Neither his fellow officers nor the battery commander, nor, if he had gone home, his father and brothers, could have made it any easier for him.
Throwing his cape over his shoulders, and slipshod in the shared galoshes, Sanya went up and out.
It was a moonless night, and rain was falling. The murk was impenetrable. If you took a step at all, it was by half remembering, half feeling your way. He could not make out the surroundings he had known so well for a year past, could not even see, against the sky, the tops of familiar trees, scorched or skewed or splintered.

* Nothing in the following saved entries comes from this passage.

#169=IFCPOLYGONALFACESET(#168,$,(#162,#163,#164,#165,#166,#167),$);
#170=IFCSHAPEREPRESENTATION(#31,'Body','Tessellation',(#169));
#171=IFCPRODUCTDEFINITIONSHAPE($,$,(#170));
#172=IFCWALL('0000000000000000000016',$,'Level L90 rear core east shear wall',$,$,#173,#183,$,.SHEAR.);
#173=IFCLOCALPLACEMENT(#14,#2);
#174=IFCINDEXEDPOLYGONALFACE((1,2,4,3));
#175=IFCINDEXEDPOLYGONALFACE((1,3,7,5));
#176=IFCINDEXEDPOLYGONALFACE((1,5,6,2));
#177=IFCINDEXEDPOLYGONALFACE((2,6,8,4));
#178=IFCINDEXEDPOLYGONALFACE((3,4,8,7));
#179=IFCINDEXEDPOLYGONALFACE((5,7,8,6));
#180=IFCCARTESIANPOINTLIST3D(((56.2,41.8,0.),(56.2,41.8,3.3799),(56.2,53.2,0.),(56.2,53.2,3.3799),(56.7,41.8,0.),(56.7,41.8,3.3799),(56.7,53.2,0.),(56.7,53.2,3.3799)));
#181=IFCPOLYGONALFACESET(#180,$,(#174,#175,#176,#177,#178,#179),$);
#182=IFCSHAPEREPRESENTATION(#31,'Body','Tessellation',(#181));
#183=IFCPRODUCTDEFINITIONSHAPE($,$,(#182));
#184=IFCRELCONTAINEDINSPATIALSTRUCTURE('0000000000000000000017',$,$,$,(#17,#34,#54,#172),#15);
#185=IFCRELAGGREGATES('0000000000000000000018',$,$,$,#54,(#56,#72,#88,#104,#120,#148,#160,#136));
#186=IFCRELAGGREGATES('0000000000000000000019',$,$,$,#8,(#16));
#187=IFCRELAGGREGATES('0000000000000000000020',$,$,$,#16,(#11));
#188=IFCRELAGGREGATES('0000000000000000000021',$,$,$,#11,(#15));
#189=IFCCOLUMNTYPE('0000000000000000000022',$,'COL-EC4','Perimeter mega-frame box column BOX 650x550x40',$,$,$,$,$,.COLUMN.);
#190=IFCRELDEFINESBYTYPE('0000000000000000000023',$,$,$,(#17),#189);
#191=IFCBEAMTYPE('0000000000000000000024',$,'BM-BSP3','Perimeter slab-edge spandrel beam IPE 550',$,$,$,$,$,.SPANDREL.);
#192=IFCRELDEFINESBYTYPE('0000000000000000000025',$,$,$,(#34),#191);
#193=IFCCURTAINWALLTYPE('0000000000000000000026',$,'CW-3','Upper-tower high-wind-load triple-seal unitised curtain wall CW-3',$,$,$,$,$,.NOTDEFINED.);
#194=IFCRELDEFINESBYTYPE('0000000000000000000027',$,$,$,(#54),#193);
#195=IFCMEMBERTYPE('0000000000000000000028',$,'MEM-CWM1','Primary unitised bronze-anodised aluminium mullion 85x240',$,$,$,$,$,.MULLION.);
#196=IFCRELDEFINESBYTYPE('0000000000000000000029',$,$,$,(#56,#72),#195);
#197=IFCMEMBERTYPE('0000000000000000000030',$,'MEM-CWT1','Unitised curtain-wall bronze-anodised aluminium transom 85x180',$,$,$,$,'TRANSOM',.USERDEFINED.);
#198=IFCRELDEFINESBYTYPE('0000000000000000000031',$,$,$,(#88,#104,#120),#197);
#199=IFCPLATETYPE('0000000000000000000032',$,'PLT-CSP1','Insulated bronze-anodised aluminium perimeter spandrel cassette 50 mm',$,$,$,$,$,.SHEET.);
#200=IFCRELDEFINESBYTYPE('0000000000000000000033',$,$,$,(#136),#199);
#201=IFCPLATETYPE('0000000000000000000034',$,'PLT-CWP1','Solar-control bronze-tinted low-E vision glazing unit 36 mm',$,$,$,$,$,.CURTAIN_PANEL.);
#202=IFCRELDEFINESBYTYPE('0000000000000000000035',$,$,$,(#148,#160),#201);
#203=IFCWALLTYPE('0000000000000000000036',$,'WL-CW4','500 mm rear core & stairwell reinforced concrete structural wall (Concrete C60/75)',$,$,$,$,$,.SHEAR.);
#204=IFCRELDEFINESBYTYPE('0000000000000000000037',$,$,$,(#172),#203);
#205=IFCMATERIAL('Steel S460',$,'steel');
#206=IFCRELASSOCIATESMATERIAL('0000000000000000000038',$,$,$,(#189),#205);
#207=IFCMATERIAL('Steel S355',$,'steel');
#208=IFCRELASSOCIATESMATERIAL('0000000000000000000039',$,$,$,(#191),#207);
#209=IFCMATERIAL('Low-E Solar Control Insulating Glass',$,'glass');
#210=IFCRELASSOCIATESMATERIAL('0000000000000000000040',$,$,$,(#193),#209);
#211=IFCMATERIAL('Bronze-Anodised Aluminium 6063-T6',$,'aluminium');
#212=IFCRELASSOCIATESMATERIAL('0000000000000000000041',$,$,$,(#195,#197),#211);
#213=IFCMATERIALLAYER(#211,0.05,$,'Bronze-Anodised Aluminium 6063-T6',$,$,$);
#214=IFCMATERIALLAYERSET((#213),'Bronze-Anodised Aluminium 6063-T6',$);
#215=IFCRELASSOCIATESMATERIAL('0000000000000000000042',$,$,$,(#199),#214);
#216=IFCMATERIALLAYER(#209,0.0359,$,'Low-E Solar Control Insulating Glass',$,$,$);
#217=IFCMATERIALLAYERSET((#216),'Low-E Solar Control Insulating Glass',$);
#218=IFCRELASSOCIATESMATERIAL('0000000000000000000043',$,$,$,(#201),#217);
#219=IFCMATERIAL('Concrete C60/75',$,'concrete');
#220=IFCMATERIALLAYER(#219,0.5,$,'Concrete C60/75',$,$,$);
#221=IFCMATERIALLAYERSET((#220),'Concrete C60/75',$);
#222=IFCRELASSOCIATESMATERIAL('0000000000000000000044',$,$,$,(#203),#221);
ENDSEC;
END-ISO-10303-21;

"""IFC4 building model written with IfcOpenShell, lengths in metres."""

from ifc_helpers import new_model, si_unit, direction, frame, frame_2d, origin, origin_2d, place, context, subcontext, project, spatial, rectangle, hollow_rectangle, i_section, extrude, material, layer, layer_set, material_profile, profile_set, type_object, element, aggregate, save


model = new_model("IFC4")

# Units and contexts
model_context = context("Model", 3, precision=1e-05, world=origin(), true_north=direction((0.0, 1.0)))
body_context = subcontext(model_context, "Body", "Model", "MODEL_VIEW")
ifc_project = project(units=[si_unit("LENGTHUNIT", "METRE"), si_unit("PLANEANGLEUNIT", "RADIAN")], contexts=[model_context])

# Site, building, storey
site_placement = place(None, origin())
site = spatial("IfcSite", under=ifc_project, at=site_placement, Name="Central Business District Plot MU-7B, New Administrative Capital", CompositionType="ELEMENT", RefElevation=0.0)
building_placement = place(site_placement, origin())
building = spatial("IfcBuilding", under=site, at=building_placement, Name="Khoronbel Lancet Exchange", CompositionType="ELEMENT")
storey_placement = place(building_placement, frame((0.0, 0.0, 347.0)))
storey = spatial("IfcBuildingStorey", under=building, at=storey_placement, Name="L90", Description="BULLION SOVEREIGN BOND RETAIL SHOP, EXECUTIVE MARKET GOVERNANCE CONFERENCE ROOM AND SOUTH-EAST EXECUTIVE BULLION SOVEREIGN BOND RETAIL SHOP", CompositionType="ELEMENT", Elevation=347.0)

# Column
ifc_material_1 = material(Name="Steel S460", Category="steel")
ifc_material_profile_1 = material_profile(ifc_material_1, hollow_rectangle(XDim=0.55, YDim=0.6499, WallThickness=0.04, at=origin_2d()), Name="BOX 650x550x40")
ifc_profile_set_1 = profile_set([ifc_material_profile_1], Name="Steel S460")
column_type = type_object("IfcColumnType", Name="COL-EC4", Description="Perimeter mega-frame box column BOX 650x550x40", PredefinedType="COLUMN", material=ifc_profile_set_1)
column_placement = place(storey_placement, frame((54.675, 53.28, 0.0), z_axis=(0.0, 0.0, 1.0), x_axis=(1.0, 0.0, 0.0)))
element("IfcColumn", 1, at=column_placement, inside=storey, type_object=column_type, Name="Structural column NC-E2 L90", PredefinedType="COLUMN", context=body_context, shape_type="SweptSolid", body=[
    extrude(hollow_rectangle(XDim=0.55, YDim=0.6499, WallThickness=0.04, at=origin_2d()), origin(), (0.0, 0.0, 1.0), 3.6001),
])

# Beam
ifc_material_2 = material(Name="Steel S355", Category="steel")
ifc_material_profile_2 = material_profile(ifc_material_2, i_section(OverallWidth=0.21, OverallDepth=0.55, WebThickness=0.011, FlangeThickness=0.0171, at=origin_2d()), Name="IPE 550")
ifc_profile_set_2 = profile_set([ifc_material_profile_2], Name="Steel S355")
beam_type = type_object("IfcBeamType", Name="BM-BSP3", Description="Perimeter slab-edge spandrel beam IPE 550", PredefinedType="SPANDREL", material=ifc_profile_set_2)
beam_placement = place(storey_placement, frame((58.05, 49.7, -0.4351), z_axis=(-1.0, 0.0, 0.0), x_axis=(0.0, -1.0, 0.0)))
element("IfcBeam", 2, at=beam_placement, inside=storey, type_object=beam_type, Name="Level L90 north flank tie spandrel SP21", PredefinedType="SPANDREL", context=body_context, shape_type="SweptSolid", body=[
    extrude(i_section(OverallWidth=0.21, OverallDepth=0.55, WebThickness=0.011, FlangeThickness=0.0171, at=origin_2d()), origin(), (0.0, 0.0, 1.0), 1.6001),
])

The front line wasn’t sending up flares.
Nor firing. And there was no wind. Just a soothing, natural downpour lashing branches, leaves, and the ground. It made the silence still deeper.
The whole world was completely invisible. No Stwolowicze, and no Yushkevichi, with its white churches. No Poland. No Russia. No Germany. Under the invisible cloud-wrapped, dark depths of the sky—nothing, just one man.